Its checked exactly the same as a UK MOT and will not pass if anything is suspect. Once done a normal certificate is produced and this can be check online with the DVLA web site.
I am going to see these people in the next few weeks and will pass on any info I find out but will not name them until I know all the facts.
Be interesting to hear from anyone who knows about this


----------



## snikpoh (Nov 19, 2007)

Lambosvan said:


> I am doing an extended trip in my Motorhome and was chatting the other evening to another Motorhome user who spends the better part of his life in and around Alicante.
> When I mentioned driving back to the UK for the MOT he said why not get it done here in Spain!!
> Thinking this is probably a bit iffy, he went onto explain he has his done here and there has never been a problem with the DVLA and when coming to Tax the vehicle.
> Its checked exactly the same as a UK MOT and will not pass if anything is suspect. Once done a normal certificate is produced and this can be check online with the DVLA web site.
> ...


COMPLETELY ILLEGAL.

The person issuing the MOT's is breaking all sorts of laws and will loose his licence if DVLA find out.


----------



## Monkey104 (Aug 24, 2014)

I would like to know how they are accessing the DVLA computer, or whose login they are using to update the MOT status.


----------



## bikerboy123 (Sep 30, 2018)

Monkey104 said:


> I would like to know how they are accessing the DVLA computer, or whose login they are using to update the MOT status.
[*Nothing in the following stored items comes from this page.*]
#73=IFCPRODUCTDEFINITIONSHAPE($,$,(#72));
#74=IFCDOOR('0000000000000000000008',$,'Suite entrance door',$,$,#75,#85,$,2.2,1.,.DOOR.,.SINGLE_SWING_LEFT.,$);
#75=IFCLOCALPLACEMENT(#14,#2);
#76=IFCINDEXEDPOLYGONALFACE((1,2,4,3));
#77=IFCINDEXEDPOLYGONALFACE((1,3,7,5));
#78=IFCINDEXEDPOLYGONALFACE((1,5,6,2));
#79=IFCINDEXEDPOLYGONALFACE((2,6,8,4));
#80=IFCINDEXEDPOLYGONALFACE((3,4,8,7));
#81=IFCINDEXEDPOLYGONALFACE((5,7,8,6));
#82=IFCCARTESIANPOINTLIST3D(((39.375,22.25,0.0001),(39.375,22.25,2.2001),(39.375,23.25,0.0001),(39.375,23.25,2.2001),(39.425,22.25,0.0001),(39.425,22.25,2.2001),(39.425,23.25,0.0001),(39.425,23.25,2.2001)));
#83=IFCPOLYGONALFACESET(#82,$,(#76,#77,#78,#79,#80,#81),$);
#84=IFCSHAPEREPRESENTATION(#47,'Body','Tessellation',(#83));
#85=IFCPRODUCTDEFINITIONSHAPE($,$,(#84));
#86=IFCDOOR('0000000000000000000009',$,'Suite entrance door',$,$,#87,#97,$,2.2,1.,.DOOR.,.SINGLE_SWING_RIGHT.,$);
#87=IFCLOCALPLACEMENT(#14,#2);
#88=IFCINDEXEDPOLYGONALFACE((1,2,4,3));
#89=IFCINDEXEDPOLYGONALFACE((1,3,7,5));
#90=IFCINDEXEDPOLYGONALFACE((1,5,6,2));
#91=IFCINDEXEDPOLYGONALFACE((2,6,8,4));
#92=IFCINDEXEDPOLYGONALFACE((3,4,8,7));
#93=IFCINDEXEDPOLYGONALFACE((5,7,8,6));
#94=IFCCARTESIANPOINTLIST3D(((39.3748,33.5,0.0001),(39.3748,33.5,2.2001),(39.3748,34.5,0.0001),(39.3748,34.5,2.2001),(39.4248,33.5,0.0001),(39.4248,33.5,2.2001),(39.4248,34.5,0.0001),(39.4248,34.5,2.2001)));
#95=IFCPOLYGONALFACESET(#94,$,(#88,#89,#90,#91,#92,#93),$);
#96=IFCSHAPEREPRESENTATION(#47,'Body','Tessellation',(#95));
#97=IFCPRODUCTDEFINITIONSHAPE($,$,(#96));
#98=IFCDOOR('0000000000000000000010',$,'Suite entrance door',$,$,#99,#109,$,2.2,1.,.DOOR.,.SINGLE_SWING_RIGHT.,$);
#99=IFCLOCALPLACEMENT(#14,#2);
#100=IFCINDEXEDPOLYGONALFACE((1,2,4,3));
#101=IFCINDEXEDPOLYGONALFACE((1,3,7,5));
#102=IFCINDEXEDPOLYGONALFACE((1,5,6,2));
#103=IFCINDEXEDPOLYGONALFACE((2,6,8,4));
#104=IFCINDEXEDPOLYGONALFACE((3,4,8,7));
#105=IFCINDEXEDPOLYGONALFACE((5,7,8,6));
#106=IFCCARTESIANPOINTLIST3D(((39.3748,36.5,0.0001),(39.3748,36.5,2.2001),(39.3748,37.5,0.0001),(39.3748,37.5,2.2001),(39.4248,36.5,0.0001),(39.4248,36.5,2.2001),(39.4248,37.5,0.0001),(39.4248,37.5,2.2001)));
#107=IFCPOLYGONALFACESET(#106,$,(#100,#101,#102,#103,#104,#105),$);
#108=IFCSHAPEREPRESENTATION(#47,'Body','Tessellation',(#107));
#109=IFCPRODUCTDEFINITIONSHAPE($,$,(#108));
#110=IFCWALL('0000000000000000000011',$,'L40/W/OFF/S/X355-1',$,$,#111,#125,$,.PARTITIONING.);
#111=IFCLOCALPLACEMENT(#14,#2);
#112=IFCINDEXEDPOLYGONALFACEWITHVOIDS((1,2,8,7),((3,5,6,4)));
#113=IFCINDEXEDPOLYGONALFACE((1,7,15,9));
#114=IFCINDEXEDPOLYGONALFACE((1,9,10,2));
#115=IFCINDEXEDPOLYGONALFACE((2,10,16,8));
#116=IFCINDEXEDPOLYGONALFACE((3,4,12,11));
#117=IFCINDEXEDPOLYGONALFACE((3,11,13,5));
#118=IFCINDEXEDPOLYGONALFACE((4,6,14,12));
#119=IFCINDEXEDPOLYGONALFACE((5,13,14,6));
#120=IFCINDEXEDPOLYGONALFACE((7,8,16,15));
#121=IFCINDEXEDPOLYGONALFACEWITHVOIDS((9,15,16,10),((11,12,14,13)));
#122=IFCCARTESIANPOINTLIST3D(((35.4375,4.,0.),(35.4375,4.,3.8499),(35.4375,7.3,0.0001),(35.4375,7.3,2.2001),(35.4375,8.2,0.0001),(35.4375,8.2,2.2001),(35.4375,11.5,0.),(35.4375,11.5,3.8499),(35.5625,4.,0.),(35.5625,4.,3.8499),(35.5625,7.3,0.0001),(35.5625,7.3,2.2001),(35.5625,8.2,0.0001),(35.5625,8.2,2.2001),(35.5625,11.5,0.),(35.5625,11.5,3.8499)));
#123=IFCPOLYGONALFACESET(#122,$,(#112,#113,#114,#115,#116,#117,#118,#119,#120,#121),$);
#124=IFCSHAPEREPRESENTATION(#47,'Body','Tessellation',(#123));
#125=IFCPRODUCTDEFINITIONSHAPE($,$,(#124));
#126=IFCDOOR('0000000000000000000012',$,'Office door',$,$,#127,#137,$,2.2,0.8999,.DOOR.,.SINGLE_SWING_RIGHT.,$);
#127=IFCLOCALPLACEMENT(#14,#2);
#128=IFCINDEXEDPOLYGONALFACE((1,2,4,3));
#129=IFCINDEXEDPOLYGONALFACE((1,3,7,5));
maybe they know a dodgy 'mechanic' back in blighty that can access from a mot station the relevant DVLA web page print off a 'pass' and post it over to spain. I used to restore old motorcycles (these things were mint!) as a hobby back in England and whenever I took my bikes for a MOT the guy at the station used to say ''I'm not even going to insult you by testing that bike'' so we had a brew whilst the 45 minutes time allotted to carry out the test was up, job done, it's not even a 'proper' certificate anymore just a piece of paper as it's all logged at DVLA.


----------



## Relyat (Sep 29, 2013)

I have heard tell of this but not been able to find any details.
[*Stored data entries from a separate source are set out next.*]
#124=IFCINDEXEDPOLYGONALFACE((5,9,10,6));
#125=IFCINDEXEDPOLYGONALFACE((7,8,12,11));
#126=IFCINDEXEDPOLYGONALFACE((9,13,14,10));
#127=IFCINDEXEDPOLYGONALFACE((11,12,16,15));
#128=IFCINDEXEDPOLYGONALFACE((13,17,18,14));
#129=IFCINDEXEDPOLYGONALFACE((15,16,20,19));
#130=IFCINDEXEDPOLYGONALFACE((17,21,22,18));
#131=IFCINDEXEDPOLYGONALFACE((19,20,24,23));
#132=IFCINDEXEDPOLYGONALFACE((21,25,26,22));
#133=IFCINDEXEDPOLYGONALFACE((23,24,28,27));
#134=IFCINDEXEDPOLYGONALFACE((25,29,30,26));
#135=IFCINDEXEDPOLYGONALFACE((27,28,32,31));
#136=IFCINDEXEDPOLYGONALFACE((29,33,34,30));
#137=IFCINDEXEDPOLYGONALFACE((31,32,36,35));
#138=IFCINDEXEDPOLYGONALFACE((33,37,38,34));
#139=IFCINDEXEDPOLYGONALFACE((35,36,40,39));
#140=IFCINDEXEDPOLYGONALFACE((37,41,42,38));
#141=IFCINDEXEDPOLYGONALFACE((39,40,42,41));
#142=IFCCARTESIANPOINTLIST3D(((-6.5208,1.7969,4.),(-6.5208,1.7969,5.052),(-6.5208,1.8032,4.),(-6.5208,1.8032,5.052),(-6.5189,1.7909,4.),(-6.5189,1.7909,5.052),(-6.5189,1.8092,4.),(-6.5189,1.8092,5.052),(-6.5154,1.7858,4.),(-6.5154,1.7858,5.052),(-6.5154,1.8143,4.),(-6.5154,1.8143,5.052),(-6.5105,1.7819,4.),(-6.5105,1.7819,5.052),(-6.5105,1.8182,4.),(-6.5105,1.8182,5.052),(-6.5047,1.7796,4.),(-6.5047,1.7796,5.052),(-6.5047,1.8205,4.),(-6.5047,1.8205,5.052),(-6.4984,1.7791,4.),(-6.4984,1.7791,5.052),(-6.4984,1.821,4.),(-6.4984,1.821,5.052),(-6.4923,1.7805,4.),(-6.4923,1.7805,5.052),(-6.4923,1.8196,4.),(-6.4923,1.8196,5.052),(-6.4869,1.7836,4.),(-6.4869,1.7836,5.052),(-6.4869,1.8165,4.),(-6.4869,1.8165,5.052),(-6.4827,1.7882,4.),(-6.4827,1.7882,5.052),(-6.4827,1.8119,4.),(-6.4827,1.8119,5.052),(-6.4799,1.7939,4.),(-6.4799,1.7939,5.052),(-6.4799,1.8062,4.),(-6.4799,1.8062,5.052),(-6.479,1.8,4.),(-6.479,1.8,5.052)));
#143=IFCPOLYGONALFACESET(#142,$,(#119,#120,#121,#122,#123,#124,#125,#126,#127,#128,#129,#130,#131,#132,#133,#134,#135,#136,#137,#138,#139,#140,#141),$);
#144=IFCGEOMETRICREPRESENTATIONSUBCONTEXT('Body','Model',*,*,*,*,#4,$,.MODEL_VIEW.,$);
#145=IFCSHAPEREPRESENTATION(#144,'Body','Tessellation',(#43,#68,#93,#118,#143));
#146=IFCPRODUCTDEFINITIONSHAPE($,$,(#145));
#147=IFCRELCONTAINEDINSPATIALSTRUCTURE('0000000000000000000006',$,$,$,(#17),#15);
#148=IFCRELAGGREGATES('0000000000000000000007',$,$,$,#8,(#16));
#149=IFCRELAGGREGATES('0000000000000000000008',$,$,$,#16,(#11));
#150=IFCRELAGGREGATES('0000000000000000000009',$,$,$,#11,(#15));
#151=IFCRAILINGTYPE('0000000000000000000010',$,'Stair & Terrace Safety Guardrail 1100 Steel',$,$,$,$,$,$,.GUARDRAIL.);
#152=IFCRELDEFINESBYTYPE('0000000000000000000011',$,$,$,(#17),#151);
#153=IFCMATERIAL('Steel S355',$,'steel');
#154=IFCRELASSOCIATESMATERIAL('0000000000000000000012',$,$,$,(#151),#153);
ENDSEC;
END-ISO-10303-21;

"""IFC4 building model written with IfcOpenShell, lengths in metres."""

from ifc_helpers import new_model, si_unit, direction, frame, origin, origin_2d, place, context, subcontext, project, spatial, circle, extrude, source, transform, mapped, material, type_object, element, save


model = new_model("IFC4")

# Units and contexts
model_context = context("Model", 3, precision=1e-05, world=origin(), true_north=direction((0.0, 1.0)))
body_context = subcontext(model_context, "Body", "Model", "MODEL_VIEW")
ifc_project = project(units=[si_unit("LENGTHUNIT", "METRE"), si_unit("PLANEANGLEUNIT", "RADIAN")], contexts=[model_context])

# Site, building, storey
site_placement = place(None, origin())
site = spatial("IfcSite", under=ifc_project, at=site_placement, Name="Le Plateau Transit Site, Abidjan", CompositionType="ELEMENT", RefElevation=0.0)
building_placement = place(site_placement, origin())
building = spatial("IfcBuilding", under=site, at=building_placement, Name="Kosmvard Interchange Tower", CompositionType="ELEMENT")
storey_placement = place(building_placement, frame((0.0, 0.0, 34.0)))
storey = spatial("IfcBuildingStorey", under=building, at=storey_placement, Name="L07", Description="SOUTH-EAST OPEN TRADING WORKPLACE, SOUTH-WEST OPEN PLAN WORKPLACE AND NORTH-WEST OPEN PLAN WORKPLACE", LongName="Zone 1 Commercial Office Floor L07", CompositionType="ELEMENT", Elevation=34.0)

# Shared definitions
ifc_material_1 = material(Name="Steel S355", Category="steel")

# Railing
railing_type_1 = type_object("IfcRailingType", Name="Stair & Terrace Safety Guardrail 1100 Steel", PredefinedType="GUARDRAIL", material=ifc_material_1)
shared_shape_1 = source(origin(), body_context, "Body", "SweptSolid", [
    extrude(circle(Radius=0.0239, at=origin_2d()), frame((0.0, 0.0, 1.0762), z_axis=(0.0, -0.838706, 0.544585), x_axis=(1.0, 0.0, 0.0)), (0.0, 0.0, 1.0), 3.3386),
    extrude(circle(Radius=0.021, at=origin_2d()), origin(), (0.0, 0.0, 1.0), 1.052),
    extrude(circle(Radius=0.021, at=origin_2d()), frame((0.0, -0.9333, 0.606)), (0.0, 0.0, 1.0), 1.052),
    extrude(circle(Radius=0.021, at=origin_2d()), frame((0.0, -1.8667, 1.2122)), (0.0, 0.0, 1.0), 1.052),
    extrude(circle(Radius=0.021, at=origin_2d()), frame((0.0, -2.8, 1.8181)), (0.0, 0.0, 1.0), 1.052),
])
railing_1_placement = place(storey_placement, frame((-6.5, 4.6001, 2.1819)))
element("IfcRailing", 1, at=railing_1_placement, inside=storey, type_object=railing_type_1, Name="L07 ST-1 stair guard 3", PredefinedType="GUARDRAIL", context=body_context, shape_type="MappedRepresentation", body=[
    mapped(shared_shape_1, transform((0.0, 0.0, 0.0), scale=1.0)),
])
I hope it's one of those stories - "someone down the pub told me that....", if not I'd be happy to find out some more


----------



## Yorick (Jul 4, 2017)

All bollox.


----------



## Overandout (Nov 10, 2012)

Maybe the confusion comes from the new Spanish law on ITVs which states that an equivalent test in an EU country is valid as far as Spain is concerned, i.e. a Spanish car can have an MOT in the UK instead of the ITV in Spain, and the Spanish authorities will recognise this.
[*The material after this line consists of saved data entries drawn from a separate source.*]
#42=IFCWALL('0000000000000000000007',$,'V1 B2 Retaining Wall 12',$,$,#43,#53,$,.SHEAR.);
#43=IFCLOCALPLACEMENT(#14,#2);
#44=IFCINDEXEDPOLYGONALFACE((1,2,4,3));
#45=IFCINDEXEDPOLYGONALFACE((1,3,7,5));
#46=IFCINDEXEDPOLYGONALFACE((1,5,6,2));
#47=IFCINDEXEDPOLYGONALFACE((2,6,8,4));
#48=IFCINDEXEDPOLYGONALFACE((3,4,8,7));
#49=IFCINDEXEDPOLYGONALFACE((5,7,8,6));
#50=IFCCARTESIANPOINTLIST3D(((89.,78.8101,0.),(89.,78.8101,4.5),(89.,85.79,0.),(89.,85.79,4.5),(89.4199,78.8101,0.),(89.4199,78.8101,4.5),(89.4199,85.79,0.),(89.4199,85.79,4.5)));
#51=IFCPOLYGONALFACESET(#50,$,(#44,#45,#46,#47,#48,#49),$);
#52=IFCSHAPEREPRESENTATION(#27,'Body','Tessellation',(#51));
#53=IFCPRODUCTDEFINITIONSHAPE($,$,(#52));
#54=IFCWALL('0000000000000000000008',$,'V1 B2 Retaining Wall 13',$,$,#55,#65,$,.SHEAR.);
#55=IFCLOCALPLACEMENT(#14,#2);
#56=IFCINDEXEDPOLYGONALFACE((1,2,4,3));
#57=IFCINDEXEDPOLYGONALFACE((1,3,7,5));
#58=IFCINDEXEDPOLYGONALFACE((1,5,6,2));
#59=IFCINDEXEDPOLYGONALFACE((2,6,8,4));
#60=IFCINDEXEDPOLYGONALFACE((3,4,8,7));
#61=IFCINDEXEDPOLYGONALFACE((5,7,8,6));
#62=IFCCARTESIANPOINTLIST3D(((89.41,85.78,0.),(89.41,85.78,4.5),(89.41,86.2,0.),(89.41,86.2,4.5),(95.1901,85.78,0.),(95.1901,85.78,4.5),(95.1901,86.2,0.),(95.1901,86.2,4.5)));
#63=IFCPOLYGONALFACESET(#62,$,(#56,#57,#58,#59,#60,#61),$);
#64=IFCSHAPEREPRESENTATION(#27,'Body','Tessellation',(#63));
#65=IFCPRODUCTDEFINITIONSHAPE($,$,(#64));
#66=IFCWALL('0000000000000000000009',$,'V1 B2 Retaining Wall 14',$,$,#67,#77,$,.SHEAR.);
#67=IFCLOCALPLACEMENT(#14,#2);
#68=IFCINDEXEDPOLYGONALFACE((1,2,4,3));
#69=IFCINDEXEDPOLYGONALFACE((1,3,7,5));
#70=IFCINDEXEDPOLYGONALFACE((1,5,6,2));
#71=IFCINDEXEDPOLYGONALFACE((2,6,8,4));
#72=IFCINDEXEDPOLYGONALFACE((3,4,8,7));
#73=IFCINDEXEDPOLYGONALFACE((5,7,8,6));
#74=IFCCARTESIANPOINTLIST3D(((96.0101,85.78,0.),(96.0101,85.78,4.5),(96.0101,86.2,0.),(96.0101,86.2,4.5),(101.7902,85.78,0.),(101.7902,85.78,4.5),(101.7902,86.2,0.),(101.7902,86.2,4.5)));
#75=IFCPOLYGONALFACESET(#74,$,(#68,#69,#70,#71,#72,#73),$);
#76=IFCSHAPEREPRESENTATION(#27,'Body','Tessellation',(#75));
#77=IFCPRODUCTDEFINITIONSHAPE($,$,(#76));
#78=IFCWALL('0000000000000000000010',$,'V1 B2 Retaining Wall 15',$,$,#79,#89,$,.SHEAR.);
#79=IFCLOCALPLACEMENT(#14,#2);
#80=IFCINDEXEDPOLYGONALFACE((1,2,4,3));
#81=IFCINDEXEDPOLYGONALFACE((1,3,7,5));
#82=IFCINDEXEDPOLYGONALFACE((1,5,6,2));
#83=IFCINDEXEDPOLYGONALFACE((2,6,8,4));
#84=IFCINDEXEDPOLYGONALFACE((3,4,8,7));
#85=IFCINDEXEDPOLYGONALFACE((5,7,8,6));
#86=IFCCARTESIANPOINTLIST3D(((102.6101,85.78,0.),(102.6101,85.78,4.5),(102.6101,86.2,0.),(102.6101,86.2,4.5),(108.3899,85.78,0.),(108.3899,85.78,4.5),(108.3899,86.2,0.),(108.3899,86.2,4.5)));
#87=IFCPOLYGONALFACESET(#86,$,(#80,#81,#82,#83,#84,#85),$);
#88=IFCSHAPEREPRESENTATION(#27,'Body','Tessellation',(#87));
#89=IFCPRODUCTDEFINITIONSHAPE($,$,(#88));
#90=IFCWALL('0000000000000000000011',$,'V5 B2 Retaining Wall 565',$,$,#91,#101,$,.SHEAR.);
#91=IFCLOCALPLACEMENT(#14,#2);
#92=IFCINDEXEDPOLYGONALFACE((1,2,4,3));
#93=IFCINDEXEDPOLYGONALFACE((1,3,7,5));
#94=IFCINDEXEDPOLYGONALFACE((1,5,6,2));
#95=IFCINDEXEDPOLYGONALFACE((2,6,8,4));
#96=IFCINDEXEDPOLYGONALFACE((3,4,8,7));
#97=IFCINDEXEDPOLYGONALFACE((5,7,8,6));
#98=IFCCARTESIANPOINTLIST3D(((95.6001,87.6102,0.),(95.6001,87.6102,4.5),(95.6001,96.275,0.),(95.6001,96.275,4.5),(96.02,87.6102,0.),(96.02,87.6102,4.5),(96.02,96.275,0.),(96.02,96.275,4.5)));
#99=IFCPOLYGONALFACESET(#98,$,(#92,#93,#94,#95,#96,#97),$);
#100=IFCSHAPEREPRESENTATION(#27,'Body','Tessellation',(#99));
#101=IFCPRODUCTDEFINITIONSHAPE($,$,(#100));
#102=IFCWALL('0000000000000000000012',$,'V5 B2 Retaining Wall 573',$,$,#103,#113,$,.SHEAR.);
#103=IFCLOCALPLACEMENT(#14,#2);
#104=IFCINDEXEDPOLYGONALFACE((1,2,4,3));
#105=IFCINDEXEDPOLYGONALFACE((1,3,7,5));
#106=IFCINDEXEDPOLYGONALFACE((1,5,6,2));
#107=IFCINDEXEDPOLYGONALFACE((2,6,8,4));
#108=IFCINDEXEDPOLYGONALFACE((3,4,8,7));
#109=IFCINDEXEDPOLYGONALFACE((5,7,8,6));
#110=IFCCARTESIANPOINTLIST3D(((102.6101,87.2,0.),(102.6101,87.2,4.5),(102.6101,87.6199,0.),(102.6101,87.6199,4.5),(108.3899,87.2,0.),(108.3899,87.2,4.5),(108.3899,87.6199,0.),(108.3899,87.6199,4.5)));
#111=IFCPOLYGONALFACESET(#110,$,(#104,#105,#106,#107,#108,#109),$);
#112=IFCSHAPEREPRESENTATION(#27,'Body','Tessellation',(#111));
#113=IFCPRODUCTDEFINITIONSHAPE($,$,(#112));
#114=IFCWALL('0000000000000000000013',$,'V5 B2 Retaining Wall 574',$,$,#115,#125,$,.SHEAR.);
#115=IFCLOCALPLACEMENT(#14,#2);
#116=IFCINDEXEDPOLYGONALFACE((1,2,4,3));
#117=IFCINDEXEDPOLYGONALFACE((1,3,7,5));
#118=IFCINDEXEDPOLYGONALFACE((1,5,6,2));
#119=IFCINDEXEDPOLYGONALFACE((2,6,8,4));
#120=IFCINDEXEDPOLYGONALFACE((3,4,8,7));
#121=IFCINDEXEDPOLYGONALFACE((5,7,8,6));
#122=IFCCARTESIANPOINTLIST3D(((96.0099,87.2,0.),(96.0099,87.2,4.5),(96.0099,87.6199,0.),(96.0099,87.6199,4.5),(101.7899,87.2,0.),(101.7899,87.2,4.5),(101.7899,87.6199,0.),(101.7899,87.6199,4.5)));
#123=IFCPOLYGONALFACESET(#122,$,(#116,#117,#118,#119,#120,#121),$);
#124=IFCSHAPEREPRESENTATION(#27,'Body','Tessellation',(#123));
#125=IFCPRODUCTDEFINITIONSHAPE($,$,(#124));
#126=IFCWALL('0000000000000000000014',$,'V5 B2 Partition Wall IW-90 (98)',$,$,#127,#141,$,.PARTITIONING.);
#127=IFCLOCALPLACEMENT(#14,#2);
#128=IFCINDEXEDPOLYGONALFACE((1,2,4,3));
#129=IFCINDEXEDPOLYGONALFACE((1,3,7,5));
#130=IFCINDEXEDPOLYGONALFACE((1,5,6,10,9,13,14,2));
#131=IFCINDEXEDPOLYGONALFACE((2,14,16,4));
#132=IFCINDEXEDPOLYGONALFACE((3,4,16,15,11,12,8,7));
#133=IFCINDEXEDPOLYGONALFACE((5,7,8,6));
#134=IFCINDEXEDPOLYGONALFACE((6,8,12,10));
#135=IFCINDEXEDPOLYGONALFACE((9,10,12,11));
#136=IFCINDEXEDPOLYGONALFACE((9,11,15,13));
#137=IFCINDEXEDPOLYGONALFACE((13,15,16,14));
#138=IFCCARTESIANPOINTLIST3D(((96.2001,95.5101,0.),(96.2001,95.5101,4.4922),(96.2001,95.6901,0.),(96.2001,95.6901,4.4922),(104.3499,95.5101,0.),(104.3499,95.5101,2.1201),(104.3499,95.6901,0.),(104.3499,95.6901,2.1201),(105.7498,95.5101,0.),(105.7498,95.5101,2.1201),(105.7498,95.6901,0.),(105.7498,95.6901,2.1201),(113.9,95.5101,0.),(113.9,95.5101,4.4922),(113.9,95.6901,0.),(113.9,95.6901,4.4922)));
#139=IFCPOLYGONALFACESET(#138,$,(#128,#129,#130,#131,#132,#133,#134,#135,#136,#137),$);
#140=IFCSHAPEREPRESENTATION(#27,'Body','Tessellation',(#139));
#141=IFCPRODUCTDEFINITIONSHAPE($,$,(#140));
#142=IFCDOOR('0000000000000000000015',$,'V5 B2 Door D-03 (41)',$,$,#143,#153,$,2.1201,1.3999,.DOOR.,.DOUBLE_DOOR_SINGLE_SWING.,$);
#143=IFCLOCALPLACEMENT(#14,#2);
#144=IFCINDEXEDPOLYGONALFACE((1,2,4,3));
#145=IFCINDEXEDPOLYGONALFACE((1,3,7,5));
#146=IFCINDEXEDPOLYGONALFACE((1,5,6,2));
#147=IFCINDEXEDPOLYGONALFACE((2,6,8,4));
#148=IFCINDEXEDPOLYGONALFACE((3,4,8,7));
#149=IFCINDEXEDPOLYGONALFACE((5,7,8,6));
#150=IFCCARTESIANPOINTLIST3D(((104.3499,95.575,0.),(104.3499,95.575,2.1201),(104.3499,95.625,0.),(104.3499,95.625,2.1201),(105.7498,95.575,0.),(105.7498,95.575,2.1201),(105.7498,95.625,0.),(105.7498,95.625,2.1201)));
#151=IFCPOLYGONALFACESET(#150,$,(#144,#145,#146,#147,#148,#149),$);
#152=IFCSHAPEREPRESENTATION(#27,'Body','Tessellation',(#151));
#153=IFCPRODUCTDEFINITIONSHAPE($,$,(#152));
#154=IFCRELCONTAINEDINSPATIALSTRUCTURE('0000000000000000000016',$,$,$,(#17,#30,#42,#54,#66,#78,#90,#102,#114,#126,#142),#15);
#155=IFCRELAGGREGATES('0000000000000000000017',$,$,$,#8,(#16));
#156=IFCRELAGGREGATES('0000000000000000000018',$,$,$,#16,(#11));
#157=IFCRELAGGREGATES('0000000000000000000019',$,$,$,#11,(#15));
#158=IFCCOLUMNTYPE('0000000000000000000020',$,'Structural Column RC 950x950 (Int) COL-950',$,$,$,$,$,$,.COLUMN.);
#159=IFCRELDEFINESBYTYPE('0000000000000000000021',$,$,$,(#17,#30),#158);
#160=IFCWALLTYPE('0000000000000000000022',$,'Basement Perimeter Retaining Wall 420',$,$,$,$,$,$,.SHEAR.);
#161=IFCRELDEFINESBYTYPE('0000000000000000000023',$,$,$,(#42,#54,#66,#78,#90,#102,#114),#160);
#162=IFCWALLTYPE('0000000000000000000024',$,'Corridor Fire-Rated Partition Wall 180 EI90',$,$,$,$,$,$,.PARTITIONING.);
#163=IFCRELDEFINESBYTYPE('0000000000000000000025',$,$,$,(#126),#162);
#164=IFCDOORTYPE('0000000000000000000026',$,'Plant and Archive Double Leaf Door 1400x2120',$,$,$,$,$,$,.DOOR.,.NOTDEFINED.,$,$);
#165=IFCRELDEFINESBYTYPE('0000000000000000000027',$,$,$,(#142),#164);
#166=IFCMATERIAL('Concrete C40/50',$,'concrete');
However, it doesn't work the other way around, if you take a UK registered vehicle to an ITV in Spain, they will test it and will issue a certificate if it passes, but it is a voluntary "for information only" certificate which is not legally valid.


----------



## Williams2 (Sep 15, 2013)

Overandout said:


> Maybe the confusion comes from the new Spanish law on ITVs which states that an equivalent test in an EU country is valid as far as Spain is concerned, i.e. a Spanish car can have an MOT in the UK instead of the ITV in Spain, and the Spanish authorities will recognise this.
> 
> However, it doesn't work the other way around, if you take a UK registered vehicle to an ITV in Spain, they will test it and will issue a certificate if it passes, but it is a voluntary "for information only" certificate which is not legally valid.


Does this mean that any Brit permanently resident in Spain who's attracted by an extended motoring holiday
in the UK and would ( in the past ) have said, No from taking an extended holiday break because
my ITV's due soon.
Can now say Yes to the extended holiday and no worries about the ITV because an MOT in the UK will do 
just as nicely.

Although saying that maybe he or she still has to present their MOT at the ITV centre to get it validated
in some way ( maybe ? ) in Spanish ?? upon their return.
Of course there's one big fly in the ointment using the British MOT example and that is the UK is
supposed to leave the EU by the end of October, except for the period before the UK finally leaves
the EU, if it happens or BoJo fumbles Brexit.

Which reminds - here's another fine mess Brexit has got us into - so yet another eg letter for your
British MP of how Brexit is doing British Expats a disservice.


----------



## Overandout (Nov 10, 2012)

Williams2 said:


> Does this mean that any Brit permanently resident in Spain who's attracted by an extended motoring holiday
> in the UK and would ( in the past ) have said, No from taking an extended holiday break because
> my ITV's due soon.
> Can now say Yes to the extended holiday and no worries about the ITV because an MOT in the UK will do
> ...


No, sadly not, I think my post was misleading. That is not the coverage that the new law gives. 

Previously, if you were to import a vehicle into Spain from another EU country, you would have had to pass the ITV before registering it, but under the new law, the SPanish authorities will recognise a valid EU equivalent of the ITV so that you don't have to pass the ITV in SPain at the time of registration. 

It doesn't mean that you can then get an "ITV" anywhere in Europe from there on. It's just the first one.


----------



## mrypg9 (Apr 26, 2008)

We owned a repairing garage and MOT testing station in the UK.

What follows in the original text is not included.